A tight exhale slipped from me.

The tension hanging in the keep wasn’t aimed at me, it was fear aimed outward, toward Dawnbreak, toward whatever purpose brought a priest to the Storm Court’s walls.

“Caelira,” Maren said, softer now, stepping closer, “I know something’s wrong. I don’t need to know what. But I don’t think you should be alone right now.”

The stormglass behind her brightened in a slow pulse, like the castle itself agreed.

I studied Maren, really studied her, maybe for the first time.

She was small, yes, but built of wiry steadiness rather than fragility. Her dark hair, still bound in the loose braid she always wore, had begun to unravel—strands clinging to her temples, cheeks flushed pink from running up and down stairs she probably wasn’t permitted to use. There was a quickness to her, a sharp, instinctive awareness in the way her eyes moved—too perceptive for her own safety in a place like this.

But beneath that was something else.

Something steadier.

A spine most courtiers lacked.

A kind of quiet, stubborn bravery that didn’t announce itself, it just stood there, trembling but unbroken, choosing to walk toward me instead of away. She looked small in the vast stone corridor, dwarfed by stormglass and banners and the weight of the Court. But I had the unsettling feeling she noticed more of this castle than half the officers who commanded it.

She had no reason to plant herself beside me in a moment like this.

She did anyway.

“If you’re going somewhere,” she added, voice trembling only slightly, “I’m coming with you.”

I almost laughed, almost. “You don’t need to follow me.”

“Maybe not.” She lifted her chin a fraction. “But I’m still going to.”

My throat tightened, not with weakness, but with something dangerously close to gratitude. I didn’t have space for that. Not yet. Not when the storm was clawing at the walls and Dawnbreak was crossing the wardline.

“Suit yourself,” I said, turning down the corridor before she could see too much.

She fell into step two paces behind me, small, steady, determined.

Unasked for, but unwavering.

The stormglass flickered overhead.

Footsteps pounded somewhere ahead.

Voices rose in sharp commands.

Another horn cry rolled up the spine of the keep.

And with Maren’s quiet presence at my back, I walked straight toward the heart of the gathering storm.

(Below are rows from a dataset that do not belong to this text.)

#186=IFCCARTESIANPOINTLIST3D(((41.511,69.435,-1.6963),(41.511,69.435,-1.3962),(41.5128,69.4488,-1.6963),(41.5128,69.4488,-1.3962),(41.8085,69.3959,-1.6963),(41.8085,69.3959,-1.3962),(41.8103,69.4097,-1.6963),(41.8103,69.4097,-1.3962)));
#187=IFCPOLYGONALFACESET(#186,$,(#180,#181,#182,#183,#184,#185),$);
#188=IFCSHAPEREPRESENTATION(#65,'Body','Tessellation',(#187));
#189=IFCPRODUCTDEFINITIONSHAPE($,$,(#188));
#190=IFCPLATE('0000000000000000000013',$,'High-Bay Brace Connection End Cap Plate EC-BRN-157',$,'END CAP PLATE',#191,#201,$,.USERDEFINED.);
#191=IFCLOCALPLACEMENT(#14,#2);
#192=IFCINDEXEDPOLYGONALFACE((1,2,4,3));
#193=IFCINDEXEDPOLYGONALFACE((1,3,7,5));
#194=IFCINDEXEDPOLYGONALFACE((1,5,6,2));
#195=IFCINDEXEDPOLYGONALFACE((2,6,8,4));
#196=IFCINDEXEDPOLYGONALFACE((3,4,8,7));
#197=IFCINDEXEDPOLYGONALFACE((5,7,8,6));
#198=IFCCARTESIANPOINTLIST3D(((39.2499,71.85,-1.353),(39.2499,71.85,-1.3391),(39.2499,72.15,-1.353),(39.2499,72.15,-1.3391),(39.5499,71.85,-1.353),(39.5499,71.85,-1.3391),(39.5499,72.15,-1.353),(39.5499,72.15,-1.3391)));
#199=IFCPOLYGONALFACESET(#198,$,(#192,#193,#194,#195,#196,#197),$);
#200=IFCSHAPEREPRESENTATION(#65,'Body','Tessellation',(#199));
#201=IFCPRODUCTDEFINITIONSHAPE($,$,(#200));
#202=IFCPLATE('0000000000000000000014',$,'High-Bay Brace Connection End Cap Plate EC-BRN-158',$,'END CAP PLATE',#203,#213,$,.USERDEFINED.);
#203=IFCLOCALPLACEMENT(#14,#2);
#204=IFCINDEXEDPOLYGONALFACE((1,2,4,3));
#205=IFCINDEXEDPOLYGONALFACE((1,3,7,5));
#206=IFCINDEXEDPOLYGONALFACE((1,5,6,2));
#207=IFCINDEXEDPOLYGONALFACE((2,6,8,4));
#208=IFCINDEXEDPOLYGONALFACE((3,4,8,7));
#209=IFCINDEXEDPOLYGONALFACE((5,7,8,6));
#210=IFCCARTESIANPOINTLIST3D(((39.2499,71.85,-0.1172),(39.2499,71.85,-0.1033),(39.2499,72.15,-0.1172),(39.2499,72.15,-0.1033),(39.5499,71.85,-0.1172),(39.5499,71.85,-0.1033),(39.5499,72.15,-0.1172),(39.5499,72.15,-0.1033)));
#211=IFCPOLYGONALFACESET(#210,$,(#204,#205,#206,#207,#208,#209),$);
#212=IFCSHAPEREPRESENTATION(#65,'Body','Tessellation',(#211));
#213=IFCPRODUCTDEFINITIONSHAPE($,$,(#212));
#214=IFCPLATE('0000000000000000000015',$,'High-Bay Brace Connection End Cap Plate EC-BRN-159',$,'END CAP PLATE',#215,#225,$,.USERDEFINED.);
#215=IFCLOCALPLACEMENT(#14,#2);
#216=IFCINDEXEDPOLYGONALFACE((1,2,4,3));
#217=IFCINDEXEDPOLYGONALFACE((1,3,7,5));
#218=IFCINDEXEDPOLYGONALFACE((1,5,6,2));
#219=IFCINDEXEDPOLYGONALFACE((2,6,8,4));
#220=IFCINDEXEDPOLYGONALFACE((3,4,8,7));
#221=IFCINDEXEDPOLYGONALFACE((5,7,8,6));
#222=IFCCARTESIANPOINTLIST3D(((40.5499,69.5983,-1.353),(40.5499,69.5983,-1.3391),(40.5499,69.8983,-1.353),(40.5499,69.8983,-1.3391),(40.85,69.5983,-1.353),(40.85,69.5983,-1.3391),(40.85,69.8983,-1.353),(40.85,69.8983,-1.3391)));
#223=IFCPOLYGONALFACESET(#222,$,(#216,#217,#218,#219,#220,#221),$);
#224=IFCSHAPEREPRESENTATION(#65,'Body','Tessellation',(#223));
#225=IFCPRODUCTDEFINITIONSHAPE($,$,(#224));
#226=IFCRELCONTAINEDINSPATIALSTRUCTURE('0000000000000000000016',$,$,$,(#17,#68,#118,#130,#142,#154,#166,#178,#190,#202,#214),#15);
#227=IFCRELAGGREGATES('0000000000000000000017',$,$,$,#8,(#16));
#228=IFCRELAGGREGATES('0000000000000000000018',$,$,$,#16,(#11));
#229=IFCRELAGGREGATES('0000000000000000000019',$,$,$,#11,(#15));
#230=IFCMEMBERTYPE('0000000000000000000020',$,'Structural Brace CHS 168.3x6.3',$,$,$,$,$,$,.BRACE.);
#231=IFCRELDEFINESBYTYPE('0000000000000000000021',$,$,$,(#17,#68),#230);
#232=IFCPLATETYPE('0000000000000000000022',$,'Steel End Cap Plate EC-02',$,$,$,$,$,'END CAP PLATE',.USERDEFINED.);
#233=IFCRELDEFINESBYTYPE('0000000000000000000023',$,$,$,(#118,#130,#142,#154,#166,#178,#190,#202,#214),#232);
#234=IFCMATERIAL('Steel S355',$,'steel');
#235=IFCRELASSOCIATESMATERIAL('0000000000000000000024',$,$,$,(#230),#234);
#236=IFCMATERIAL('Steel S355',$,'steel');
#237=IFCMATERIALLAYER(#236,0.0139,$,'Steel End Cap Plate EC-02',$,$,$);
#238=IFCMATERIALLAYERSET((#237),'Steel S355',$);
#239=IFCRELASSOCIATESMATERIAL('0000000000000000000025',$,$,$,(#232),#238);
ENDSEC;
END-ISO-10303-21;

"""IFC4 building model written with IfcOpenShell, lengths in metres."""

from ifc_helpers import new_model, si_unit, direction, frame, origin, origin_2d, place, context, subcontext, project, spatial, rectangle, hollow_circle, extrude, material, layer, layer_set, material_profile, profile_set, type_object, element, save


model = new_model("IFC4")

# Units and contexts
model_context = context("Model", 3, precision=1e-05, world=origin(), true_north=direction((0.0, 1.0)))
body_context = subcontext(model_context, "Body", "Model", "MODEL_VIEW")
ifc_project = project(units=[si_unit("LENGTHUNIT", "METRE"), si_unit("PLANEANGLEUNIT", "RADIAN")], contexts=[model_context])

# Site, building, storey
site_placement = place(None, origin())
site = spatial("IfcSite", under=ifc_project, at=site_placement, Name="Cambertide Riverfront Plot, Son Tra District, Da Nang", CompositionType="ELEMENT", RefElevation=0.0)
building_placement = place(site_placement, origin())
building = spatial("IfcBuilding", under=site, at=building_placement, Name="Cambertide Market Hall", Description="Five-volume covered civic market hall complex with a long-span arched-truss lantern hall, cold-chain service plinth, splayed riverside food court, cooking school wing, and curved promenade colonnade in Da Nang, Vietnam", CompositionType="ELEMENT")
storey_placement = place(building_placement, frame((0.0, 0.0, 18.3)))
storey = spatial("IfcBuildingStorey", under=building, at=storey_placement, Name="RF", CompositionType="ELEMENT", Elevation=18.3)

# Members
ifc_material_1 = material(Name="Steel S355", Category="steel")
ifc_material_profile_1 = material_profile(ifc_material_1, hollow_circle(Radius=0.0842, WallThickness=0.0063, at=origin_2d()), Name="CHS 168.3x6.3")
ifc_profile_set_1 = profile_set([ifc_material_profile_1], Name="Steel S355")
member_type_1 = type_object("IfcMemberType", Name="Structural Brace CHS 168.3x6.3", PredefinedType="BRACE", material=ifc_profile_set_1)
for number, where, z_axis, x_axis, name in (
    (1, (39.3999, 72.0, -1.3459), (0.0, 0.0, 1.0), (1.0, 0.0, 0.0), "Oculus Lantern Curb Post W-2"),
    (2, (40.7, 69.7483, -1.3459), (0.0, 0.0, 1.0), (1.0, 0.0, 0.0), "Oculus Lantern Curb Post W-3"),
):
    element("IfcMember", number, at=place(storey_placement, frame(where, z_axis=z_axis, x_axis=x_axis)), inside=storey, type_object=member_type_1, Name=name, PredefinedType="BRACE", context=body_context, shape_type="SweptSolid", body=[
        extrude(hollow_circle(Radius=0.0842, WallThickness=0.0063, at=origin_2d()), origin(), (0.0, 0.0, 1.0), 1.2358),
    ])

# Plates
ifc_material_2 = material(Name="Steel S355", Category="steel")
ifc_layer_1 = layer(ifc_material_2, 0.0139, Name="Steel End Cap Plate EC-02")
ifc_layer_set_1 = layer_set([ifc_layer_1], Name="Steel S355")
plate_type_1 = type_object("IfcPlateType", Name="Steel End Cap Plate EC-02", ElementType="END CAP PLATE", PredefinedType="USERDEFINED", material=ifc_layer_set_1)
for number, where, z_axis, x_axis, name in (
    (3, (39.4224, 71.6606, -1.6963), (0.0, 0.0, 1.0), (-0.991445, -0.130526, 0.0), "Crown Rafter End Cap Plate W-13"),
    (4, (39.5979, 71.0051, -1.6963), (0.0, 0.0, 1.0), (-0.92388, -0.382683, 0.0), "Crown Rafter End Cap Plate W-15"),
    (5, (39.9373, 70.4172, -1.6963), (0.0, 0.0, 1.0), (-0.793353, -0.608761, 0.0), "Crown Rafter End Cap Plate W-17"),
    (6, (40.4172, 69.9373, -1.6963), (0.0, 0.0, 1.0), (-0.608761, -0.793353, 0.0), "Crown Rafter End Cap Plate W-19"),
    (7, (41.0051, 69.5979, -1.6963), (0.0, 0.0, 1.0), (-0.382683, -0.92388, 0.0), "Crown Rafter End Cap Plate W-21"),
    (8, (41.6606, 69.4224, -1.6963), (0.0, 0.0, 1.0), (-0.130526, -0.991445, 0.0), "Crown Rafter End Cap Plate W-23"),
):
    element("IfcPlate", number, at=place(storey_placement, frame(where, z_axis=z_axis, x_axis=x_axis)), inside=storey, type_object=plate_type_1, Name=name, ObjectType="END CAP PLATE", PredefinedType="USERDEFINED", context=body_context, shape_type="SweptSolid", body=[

The deeper we moved into the keep, the more the corridors changed shape around us. The narrow servant halls gave way tobroader passages lined with carved storm-vines and high-arched windows that channeled the wind like a living thing. The castle was awake, fully, sharply awake, and every stone seemed to hum with tension.

Maren remained behind me at first, quiet and unwavering. But as the shouting grew louder and the stormglass brightened along the walls, I felt her come closer. A small shift of steps. A breath drawn too quickly. A silent decision to stay within arm’s reach.

She didn’t speak. She didn’t need to.